– Se nos
fue a Rincón de los Sauces.
– Bueno,
no es tan lejos. Encima hay laburo.
– Justamente. Es que no queremos que trabaje. Tiene 16 y está en
tercero industrial. Queremos que vuelva. Por eso estamos acá. Nos
dijeron que es un detective serio y responsable.
– Y no cobro por recibir piropos. No entiendo por qué nos van
Uds.
– Porque lo pondríamos en una situación difícil. Como quién va
a buscar a su pibe a la salida del baile, a las 12 de la noche.
– Baile. Hacía rato que no escuchaba el término. O sea que
prefieren que lo secuestre.
– ¡Cómo que lo secuestre! Que lo traiga. Que lo convenza. Que
haga como que no lo convenza y que viene por propia decisión.
Nosotros le dimos tiempo. Esperamos casi tres meses a que tome
conciencia y vuelva.
– Más que un detective, lo que Uds. necesitan es un equipo de
sicólogos de campo. Y una red tipo medio mundo, por las dudas.
Ahí la vieja se me largó a llorar, y el viejo puso cara de “no
lloro porque soy macho”. Yo puse cara de esperar que la vieja se
deshidrate. Habían llegado temprano a la oficina. Como quién espera
que el comercio levante las persianas para ser el primer cliente. Así
fue. Tuvieron que esperar adentro de su Renoleta Furgón 4 modelo 75
recién salida de fábrica, mientras yo terminaba de barrer el
boliche. Venían recomendados por un amigo lejano, víctima de mis
fechorías.
Cuando el matrimonio de unos sesenta largos se normalizó, seguimos
la entrevista. Acepté el caso a cincuenta y cinco por día. Tuve que
aumentar por el tema de la inflación. Les pedí una foto. La misma
que tuve que seleccionar entre las trescientas veinticuatro que me
habían llevado, demostrando cierta pericia en esos temas. O que
veían bastante televisión. Les prometí discreción, rapidez y
eficiencia sin violencia. Lo de sin violencia me salió solo.
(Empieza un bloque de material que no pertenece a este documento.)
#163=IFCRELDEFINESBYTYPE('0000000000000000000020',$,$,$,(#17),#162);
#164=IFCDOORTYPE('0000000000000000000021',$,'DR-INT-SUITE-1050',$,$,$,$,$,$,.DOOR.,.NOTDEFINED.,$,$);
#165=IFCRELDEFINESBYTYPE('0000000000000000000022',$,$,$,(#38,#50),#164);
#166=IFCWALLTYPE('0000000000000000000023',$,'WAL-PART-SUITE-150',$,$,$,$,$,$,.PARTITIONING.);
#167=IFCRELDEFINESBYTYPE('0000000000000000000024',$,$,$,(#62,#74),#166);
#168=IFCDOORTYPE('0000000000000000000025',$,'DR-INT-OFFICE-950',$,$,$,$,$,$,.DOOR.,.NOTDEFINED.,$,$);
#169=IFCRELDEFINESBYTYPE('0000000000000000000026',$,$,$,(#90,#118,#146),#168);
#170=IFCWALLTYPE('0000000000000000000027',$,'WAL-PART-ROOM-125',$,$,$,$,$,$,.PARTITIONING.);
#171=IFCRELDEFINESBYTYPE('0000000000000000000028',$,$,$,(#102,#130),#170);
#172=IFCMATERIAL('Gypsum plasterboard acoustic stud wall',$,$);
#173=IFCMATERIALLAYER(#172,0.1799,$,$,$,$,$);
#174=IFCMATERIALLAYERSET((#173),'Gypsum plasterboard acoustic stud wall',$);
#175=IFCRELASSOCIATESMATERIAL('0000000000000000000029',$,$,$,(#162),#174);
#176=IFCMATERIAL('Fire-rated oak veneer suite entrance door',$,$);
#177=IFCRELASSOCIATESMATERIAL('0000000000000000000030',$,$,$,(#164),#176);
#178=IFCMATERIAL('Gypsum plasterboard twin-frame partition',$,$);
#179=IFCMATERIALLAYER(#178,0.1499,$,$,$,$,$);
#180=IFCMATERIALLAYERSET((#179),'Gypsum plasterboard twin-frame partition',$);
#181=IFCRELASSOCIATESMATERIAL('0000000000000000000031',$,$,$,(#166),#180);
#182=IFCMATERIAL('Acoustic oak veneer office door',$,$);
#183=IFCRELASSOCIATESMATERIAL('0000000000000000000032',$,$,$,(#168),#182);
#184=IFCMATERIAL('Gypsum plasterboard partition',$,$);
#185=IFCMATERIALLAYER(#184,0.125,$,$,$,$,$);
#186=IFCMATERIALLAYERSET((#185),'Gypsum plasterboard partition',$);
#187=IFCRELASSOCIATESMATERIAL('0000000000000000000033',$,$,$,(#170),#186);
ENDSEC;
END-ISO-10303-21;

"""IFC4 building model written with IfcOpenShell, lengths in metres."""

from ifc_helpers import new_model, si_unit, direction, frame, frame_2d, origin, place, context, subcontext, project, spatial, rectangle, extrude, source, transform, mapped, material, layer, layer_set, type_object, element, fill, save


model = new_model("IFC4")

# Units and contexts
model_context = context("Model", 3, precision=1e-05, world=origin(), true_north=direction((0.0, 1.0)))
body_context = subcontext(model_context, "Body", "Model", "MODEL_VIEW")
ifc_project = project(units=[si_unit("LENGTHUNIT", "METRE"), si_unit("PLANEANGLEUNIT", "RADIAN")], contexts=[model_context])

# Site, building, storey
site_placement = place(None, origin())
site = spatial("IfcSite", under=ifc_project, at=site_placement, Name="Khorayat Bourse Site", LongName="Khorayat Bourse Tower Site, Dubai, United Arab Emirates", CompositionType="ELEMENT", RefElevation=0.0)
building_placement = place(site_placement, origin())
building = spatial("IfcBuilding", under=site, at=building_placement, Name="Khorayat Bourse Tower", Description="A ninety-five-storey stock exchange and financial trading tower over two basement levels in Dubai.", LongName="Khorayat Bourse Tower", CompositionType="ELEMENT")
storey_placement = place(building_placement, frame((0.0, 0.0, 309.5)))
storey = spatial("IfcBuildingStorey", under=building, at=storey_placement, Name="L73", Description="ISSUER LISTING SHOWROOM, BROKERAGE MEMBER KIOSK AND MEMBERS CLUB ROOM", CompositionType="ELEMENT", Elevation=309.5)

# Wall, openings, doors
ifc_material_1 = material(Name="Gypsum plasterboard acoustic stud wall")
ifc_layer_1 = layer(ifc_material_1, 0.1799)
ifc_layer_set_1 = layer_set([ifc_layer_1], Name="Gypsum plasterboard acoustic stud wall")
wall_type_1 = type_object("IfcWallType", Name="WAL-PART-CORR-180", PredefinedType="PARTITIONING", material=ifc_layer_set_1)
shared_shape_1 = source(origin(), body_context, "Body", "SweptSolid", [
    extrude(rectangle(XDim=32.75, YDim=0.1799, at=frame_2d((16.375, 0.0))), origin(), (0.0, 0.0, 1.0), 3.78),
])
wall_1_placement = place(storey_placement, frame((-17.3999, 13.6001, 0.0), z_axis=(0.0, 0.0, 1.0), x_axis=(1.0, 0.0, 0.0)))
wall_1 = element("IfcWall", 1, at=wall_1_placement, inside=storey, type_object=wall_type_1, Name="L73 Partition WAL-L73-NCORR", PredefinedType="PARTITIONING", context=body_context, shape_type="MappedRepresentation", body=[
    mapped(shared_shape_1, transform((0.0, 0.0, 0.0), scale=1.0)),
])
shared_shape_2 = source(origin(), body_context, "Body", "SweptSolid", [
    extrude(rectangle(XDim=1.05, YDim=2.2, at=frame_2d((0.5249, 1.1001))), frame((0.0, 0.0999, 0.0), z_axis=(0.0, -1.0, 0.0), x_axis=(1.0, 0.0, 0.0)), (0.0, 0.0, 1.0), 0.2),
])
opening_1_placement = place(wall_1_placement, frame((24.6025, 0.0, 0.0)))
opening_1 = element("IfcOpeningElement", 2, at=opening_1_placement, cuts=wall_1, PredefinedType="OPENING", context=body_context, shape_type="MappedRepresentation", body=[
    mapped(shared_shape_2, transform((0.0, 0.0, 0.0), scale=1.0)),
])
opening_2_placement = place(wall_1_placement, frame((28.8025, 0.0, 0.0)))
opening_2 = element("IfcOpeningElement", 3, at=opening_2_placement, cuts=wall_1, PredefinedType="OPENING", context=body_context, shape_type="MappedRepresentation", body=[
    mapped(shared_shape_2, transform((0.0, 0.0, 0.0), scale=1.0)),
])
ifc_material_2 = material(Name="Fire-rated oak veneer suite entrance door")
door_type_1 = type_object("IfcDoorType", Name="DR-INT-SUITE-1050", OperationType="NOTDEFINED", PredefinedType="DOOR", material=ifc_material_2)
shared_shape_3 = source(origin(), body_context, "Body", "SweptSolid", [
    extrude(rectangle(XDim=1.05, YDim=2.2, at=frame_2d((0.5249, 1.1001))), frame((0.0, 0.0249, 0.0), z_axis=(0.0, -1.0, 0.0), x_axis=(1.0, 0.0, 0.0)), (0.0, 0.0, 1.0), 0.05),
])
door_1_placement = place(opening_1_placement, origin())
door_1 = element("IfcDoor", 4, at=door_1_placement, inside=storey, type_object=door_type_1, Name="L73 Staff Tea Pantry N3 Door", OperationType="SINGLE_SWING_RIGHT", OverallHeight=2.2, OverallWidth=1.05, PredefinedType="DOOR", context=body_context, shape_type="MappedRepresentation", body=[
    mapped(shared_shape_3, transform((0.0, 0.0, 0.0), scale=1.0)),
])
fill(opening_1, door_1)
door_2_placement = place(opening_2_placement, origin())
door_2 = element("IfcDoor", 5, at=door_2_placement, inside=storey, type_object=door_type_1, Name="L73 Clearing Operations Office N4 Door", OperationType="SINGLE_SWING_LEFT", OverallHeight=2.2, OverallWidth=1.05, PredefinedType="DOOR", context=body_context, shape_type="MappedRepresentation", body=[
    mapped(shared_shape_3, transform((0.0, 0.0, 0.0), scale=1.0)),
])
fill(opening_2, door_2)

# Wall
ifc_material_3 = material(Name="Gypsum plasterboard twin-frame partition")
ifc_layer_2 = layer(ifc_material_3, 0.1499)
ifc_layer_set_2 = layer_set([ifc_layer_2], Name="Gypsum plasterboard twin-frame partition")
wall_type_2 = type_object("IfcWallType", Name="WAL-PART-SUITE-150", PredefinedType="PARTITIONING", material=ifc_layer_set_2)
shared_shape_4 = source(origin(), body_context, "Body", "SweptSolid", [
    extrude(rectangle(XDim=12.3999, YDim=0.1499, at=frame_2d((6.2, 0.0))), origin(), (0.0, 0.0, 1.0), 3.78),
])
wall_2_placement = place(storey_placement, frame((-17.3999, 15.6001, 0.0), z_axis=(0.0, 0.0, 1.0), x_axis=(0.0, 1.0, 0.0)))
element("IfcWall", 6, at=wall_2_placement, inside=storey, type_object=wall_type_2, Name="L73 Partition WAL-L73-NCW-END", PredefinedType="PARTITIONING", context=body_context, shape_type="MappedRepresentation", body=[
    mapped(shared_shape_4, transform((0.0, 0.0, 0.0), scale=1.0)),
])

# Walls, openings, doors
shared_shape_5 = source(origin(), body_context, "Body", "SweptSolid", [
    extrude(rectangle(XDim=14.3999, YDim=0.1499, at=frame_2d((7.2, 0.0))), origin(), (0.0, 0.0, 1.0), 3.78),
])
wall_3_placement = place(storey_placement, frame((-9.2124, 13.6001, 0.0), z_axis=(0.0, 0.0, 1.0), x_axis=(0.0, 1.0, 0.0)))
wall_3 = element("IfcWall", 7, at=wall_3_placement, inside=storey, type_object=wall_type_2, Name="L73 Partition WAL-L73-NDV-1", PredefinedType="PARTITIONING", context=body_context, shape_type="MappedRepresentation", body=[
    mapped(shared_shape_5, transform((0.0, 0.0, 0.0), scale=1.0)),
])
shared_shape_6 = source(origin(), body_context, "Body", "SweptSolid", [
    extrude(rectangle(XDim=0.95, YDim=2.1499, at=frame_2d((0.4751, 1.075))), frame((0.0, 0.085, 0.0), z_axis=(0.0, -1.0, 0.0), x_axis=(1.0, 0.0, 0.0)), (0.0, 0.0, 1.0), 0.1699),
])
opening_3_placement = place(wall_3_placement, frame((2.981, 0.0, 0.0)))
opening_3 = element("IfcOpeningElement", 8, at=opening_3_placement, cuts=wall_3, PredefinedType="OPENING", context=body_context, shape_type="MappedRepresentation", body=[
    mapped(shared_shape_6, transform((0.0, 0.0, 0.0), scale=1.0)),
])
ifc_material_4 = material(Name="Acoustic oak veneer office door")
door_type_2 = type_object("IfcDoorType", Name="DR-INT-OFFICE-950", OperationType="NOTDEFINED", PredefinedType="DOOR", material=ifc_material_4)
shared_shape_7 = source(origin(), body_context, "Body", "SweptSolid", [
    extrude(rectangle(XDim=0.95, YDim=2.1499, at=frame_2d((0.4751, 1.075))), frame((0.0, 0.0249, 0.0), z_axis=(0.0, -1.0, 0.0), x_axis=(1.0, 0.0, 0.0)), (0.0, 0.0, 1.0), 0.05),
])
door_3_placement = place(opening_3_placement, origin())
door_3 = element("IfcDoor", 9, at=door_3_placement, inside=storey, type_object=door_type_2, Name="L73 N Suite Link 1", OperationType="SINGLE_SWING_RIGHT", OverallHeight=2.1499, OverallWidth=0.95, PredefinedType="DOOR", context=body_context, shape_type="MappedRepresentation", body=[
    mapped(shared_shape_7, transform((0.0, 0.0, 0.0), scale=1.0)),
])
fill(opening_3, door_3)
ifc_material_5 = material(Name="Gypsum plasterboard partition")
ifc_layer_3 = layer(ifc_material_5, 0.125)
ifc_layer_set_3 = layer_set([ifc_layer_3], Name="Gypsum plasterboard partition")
Tal vez para estar a tono con el reclamo de la sociedad toda en este
punto. Incluyendo a los que la ejercen.
No pude no observarlos cuando la renoleta se perdía calle abajo, a
ritmo parejo y sin levantar tanta tierra como los coches de ahora.
Tal vez estaba cansada de levantarla en los años que pasaron. Me dio
cierta nostalgia. Mejor dicho, mucha nostalgia.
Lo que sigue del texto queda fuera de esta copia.